Bio Geert Deconinck Geert Deconinck is full professor at the University of Leuven (KU Leuven, Belgium). Geert Deconinck is full professor (gewoon hoogleraar) at the KU Leuven since 2010. Since April 2012, he is head of the research group ELECTA (Electrical Energy and Computing Architectures) at the Department of Electrical Engineering (ESAT). ELECTA focuses on different research aspects related to electrical energy (smart distribution grids, electric power systems, HVDC, power electronics, techno-economic analysis of energy markets, etc.), from fundamental research to applications in collaboration with industry.

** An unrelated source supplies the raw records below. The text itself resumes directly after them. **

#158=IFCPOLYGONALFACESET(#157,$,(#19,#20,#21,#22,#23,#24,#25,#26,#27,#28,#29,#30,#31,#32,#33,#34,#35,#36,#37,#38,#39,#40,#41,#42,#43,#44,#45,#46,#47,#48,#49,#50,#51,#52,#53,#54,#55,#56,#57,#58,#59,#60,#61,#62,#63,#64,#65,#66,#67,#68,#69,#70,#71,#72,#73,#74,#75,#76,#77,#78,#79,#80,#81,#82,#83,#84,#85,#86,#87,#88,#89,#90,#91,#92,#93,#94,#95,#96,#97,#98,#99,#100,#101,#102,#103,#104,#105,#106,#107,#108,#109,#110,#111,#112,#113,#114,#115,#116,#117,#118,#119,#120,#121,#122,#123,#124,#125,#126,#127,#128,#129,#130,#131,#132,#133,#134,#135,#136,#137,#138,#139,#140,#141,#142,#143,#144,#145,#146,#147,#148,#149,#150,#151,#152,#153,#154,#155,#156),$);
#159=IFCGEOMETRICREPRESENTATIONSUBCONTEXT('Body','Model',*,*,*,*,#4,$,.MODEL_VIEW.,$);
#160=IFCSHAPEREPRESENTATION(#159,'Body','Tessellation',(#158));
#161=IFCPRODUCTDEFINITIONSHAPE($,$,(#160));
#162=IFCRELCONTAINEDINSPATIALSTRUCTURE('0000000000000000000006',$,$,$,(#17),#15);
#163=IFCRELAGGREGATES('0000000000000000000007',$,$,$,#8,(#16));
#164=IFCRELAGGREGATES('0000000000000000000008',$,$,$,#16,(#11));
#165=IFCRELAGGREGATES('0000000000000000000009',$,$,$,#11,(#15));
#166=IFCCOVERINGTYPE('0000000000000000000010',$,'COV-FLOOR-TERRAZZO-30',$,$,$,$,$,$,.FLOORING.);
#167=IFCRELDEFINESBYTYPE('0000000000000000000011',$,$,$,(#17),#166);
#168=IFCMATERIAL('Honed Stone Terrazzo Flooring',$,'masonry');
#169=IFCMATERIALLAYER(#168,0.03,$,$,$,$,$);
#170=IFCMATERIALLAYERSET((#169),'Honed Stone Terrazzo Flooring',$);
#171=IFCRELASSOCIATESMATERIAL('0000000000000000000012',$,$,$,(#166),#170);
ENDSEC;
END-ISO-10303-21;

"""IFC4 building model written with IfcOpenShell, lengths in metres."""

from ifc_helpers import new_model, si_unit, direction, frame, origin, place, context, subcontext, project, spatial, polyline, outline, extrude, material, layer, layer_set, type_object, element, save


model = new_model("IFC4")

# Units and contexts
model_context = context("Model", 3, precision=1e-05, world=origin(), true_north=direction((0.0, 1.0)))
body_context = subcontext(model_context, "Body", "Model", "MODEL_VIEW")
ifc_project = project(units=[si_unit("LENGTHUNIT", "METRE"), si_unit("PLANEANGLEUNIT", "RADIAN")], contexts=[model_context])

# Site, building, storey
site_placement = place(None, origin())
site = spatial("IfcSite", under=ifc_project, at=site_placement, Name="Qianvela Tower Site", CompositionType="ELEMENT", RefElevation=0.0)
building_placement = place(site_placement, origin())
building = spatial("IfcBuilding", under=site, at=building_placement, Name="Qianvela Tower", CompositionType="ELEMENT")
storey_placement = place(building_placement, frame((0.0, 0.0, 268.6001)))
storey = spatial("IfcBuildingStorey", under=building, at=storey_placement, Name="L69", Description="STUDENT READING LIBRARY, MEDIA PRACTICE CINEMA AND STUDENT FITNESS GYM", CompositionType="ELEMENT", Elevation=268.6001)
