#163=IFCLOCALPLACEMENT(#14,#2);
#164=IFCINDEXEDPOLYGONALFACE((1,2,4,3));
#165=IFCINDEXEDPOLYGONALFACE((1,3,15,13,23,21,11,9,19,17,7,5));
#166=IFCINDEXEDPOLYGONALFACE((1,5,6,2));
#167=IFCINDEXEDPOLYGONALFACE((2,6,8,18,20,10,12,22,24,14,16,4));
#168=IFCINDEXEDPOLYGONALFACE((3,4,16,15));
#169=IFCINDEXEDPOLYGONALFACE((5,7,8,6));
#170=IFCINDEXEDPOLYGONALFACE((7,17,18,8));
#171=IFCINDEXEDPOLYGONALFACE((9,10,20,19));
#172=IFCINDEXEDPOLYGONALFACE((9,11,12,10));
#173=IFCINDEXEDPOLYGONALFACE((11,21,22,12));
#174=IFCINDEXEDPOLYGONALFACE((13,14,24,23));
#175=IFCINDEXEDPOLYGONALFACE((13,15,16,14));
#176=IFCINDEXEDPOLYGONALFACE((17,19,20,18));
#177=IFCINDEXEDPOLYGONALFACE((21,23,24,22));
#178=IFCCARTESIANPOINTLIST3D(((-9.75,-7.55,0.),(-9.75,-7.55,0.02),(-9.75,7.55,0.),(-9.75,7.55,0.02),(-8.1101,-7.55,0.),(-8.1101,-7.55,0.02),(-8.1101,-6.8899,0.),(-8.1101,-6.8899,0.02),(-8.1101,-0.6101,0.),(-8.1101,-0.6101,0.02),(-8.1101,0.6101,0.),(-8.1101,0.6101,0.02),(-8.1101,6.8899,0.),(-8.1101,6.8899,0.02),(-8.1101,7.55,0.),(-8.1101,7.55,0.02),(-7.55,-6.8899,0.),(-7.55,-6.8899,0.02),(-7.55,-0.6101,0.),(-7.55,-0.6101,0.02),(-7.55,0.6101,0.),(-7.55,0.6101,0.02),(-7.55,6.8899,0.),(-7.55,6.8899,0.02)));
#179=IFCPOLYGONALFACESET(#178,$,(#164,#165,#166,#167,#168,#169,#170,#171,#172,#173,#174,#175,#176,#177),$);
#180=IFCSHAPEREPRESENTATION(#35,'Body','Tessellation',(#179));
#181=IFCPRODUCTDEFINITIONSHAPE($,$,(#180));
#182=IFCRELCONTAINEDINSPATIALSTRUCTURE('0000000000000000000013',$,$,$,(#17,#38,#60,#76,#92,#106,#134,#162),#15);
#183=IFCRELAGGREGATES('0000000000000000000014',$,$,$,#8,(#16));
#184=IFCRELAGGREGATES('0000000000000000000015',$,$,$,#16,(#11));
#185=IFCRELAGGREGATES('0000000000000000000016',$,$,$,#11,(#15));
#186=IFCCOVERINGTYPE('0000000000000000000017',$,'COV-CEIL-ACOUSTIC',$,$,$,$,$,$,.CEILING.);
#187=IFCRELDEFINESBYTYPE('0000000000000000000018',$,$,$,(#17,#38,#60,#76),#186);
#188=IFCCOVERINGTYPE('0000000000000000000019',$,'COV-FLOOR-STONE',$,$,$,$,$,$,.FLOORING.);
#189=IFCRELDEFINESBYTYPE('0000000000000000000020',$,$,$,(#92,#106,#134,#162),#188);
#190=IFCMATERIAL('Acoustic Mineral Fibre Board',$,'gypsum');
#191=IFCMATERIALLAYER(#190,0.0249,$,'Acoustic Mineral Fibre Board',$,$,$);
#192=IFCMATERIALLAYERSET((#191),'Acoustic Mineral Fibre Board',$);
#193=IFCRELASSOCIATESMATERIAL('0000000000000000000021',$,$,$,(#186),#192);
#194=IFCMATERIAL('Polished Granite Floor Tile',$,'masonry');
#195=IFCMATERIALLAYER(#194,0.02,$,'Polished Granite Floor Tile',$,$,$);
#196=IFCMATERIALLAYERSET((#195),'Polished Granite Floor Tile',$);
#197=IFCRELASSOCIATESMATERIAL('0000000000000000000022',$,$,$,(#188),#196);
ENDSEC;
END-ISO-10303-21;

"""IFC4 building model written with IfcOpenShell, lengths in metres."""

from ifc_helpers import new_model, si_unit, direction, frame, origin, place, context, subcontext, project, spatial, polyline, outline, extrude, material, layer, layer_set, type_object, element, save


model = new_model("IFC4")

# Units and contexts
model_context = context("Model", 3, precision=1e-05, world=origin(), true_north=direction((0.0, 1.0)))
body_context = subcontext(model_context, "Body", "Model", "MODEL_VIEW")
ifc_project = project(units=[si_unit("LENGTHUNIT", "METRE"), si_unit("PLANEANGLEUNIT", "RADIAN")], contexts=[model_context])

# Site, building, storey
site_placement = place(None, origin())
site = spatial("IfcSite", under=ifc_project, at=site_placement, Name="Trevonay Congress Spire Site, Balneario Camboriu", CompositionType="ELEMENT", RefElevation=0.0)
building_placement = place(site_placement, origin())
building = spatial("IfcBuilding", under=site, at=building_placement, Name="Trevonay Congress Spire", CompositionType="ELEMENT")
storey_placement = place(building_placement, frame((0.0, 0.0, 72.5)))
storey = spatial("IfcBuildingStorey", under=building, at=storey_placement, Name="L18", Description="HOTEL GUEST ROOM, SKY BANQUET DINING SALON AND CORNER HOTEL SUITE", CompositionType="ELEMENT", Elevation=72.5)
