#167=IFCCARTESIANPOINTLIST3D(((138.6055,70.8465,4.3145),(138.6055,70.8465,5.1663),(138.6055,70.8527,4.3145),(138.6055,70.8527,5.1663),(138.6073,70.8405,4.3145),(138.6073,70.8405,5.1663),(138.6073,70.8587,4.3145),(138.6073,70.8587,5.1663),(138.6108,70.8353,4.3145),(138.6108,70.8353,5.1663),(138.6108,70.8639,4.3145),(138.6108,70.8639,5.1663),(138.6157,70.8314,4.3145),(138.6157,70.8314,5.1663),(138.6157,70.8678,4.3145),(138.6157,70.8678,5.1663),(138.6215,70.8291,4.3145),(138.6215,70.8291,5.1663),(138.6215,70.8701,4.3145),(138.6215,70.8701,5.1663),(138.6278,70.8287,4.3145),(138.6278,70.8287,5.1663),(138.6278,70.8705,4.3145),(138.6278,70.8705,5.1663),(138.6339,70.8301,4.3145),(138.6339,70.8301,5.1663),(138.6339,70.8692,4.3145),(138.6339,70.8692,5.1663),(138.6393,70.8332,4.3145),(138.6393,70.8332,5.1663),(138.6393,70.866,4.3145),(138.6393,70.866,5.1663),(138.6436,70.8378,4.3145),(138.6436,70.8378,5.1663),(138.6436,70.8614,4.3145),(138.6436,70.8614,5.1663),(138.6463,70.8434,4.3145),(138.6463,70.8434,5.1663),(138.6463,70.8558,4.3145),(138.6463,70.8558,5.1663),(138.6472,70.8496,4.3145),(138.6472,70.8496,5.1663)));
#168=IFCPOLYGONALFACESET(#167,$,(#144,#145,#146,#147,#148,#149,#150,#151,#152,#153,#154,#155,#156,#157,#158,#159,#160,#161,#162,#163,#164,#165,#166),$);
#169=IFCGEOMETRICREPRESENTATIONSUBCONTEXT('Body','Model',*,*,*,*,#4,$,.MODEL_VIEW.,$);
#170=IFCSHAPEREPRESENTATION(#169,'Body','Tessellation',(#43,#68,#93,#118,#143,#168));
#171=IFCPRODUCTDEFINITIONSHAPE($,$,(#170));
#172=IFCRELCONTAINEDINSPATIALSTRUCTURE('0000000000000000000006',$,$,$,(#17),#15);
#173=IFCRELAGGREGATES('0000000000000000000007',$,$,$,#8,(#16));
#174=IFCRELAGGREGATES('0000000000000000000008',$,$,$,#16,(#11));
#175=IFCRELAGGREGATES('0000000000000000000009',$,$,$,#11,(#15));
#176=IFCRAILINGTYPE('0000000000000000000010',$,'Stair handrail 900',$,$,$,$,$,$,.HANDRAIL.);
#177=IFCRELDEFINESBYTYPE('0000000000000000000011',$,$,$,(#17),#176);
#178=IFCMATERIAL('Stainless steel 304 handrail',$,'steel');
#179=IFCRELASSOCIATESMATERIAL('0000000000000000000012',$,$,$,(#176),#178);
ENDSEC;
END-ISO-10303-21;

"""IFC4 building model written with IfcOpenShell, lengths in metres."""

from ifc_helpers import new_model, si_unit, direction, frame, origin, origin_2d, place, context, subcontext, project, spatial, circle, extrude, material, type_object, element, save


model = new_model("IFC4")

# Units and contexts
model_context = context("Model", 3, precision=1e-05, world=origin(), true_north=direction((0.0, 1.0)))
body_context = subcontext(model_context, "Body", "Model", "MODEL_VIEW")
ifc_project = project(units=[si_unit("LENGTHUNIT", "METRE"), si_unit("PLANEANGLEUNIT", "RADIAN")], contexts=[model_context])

Since October 2016, he is head of the KU Leuven division EnergyVille, where he is scientific leader for the research domain algorithms, modelling, optimisation, applied to smart electrical and thermal networks.

He is a fellow of the Institute of Engineering and Technology (IET) (M 2006, F 2013), co-chair of the IEEE SMC Technical Committee on Infrastructure Systems and Services, a senior member of the IEEE and of the IEEE Reliability, Computer and Power & Energy Societies (sM 1988, M 1996, SM 2000), and member of Cigr, KBVE and ie-net.

His research focuses on robust distributed coordination and control, specifically in the context of smart electric distribution networks.

Abstract: Scalable residential demand response in smart grids – challenges after 10 years of research

Residential demand response (e.g. shifting appliance use in time) and local energy storage allow to integrate more renewables into a smart electrical grid, or to have lower energy costs, without impacting user comfort. Within EnergyVille, KU Leuven's research centre on sustainable energy for an urban environment, we have been working on scalable demand response applications for more than ten years. This presentation will shed a light on such applications and on involved algorithms and multi-objective optimisation issues, as well as look forward towards future challenges.